Share via

Año del éxodo: 328 000 nicaragüenses salieron del país en 2022

Migrantes

Entre 2018 y 2022, han salido 604 485 nicas; 328 443 durante 2022, principalmente a Estados Unidos y Costa Rica, calcula el investigador Manuel Orozco


El principal y más visible síntoma de la latente crisis sociopolítica y de derechos humanos en Nicaragua, durante 2022, fue la masiva migración que, por segundo año consecutivo, marcó una cifra récord en la historia contemporánea.

En 2021 y 2022 se ha producido un éxodo inédito. En enero y noviembre de 2022, la Oficina de Aduanas y Protección Fronteriza de los Estados Unidos (CBP, por sus siglas en inglés) reportó 181 566 “encuentros” o detenciones de migrantes nicaragüenses en las fronteras estadounidenses. En Costa Rica, entre enero y noviembre de 2022, las autoridades migratorias cuentan 76 676 solicitudes de refugio de nicaragüenses. Sumando estas cifras preliminares de los dos principales destinos de la migración nica, suman 258 000 las personas que salieron del país.

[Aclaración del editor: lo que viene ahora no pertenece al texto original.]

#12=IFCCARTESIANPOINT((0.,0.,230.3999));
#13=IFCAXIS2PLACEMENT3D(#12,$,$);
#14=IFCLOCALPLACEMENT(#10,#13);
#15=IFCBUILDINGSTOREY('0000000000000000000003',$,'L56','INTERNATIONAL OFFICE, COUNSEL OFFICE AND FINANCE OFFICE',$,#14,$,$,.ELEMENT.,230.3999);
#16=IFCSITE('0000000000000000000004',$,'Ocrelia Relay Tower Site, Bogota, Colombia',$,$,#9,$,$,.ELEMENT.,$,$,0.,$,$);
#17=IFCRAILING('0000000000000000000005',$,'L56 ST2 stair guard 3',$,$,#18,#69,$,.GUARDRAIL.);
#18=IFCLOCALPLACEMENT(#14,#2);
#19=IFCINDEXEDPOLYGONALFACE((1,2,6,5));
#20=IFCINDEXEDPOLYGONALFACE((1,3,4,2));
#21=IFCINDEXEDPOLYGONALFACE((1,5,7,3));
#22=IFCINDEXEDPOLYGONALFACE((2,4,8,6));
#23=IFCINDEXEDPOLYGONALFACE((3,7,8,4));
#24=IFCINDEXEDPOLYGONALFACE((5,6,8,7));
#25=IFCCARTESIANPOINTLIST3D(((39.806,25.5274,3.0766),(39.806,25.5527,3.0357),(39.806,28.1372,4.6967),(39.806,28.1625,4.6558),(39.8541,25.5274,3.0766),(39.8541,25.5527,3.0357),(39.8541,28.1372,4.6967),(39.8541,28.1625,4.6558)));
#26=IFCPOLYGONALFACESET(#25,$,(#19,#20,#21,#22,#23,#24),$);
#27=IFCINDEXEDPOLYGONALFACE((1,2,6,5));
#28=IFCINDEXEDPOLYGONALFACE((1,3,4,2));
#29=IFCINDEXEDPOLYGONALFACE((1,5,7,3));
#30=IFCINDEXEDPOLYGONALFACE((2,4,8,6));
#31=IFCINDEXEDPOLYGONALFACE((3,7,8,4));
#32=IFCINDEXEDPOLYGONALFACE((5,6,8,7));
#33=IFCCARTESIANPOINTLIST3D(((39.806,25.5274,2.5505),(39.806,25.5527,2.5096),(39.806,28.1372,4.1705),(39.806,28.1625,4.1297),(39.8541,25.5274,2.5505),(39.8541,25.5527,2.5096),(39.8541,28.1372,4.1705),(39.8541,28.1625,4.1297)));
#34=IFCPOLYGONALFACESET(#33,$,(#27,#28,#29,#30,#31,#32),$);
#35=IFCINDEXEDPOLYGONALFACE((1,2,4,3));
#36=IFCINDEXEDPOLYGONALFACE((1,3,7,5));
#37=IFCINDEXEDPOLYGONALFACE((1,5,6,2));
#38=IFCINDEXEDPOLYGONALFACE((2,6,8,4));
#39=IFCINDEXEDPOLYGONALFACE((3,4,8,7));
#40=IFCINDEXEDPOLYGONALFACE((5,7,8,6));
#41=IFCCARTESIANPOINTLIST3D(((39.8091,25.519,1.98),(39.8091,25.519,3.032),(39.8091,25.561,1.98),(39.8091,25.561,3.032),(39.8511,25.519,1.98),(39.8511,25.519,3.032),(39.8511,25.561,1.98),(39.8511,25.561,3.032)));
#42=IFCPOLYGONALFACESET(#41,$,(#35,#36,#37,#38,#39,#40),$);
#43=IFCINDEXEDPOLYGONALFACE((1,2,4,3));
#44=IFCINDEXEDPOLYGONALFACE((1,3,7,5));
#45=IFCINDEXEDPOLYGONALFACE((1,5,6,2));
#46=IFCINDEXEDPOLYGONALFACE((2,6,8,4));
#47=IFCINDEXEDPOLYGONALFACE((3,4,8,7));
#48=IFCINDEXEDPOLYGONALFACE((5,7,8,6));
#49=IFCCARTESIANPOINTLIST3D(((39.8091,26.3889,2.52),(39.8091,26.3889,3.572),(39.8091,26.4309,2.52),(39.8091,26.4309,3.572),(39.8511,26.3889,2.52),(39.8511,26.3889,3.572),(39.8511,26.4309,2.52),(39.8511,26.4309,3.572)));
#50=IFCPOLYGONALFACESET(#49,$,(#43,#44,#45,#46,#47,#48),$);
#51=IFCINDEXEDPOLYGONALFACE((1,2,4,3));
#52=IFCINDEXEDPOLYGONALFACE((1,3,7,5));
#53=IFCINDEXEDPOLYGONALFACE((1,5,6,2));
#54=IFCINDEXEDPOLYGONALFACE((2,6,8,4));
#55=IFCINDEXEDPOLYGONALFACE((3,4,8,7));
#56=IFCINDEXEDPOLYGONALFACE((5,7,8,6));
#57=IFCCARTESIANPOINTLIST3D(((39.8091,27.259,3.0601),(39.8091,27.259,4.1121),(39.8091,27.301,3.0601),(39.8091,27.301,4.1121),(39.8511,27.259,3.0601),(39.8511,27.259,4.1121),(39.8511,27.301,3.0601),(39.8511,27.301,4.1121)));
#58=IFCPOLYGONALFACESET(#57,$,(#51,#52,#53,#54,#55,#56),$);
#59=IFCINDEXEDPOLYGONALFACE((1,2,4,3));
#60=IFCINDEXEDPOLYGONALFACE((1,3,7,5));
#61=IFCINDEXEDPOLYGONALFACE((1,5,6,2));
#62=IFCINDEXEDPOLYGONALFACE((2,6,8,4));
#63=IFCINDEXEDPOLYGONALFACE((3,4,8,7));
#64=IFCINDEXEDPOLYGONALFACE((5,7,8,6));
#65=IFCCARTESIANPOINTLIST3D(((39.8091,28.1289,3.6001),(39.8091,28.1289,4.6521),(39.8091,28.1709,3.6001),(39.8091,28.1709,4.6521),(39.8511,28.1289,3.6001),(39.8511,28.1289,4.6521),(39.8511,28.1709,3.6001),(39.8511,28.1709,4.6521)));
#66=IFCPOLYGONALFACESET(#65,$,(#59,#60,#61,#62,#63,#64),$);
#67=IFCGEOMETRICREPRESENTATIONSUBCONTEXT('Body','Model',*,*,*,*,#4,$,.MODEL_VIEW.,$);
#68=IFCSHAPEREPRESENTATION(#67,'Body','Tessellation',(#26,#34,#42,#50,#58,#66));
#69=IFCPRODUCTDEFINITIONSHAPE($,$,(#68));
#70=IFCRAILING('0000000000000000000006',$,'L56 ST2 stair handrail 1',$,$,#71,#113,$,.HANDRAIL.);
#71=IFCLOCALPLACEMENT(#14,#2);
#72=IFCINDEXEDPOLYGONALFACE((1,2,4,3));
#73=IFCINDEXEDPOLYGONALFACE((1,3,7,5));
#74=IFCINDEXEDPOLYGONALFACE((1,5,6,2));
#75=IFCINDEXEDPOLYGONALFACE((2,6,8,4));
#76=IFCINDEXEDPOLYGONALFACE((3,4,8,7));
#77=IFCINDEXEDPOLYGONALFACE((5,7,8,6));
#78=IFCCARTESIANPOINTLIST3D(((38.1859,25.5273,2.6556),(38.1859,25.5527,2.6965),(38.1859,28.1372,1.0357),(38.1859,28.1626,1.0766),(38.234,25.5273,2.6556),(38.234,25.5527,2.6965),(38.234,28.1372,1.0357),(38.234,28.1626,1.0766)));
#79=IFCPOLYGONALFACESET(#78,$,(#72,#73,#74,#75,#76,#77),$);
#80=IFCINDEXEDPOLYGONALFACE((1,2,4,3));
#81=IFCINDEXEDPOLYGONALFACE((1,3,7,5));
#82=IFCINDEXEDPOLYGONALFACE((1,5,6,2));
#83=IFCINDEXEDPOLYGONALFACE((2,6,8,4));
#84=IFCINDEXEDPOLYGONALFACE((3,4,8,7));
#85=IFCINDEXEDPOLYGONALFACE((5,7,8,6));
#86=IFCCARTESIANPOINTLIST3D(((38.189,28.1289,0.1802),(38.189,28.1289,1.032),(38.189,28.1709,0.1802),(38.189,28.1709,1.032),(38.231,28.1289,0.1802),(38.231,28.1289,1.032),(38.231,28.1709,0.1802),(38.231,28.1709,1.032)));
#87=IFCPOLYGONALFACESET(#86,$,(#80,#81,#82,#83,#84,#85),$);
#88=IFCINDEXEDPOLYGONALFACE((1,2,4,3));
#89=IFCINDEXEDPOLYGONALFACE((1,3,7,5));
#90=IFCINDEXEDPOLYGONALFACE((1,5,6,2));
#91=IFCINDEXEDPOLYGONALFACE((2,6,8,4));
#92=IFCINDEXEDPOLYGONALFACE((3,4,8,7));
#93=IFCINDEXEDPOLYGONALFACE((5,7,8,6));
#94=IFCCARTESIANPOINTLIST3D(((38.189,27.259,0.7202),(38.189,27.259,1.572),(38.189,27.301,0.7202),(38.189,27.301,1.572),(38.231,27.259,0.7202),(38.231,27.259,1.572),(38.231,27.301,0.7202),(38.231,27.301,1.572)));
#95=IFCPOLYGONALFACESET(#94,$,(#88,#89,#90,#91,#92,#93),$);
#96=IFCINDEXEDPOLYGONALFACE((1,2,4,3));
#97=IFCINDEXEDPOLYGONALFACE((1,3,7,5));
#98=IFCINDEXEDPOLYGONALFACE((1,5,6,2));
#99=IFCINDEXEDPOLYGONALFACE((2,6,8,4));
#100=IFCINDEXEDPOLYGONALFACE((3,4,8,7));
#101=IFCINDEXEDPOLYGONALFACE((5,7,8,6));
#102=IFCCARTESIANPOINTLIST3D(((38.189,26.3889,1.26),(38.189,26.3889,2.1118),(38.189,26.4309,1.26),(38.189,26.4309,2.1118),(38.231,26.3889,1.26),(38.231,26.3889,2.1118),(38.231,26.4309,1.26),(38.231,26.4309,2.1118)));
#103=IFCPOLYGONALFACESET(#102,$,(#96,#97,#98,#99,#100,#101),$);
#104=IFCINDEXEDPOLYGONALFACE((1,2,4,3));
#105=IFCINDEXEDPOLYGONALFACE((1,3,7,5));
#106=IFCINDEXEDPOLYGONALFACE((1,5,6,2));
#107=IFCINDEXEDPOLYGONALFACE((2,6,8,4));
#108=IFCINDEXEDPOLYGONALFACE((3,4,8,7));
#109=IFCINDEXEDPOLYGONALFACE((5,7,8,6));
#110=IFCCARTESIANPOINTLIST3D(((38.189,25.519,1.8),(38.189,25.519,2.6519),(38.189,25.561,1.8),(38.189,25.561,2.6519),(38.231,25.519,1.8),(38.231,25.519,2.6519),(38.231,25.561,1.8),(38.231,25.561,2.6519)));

Es, sin embargo, un total que no termina de reflejar la magnitud del fenómeno. Manuel Orozco, especialista en temas migratorios e investigador de Diálogo Interamericano, ofrece una cifra mayor: 328 443 nicaragüenses obligados a salir de su patria en 2022, incluyendo a quienes salieron hacia otros destinos.

Se trata, además, de una cifra que supera los 161 269 nicas que salieron en 2021, que también había marcado un récord en el éxodo nicaragüense.

Así, entre 2018 y 2022, de Nicaragua han partido 604 485 nicaragüenses: unos 100 000, entre 2018 y 2019; 14 773 en 2020 -año de la pandemia en que la mayoría de países cerró sus fronteras-; 161 269, en 2021; y 328 443 en 2022.

“La verdad es que la gente sale, y se han incrementado las salidas, y esa es una de las primeras señales en derechos humanos de que las cosas no van bien”, dijo Alberto Brunori, representante de la Oficina Regional para América Central del Alto Comisionado de Naciones Unidas para los Derechos Humanos (Oacnudh), en el programa Esta Noche, refiriéndose a la crisis que atraviesa Nicaragua y su prolongamiento por casi cinco años, la cual, además, catalogó de “insostenible”.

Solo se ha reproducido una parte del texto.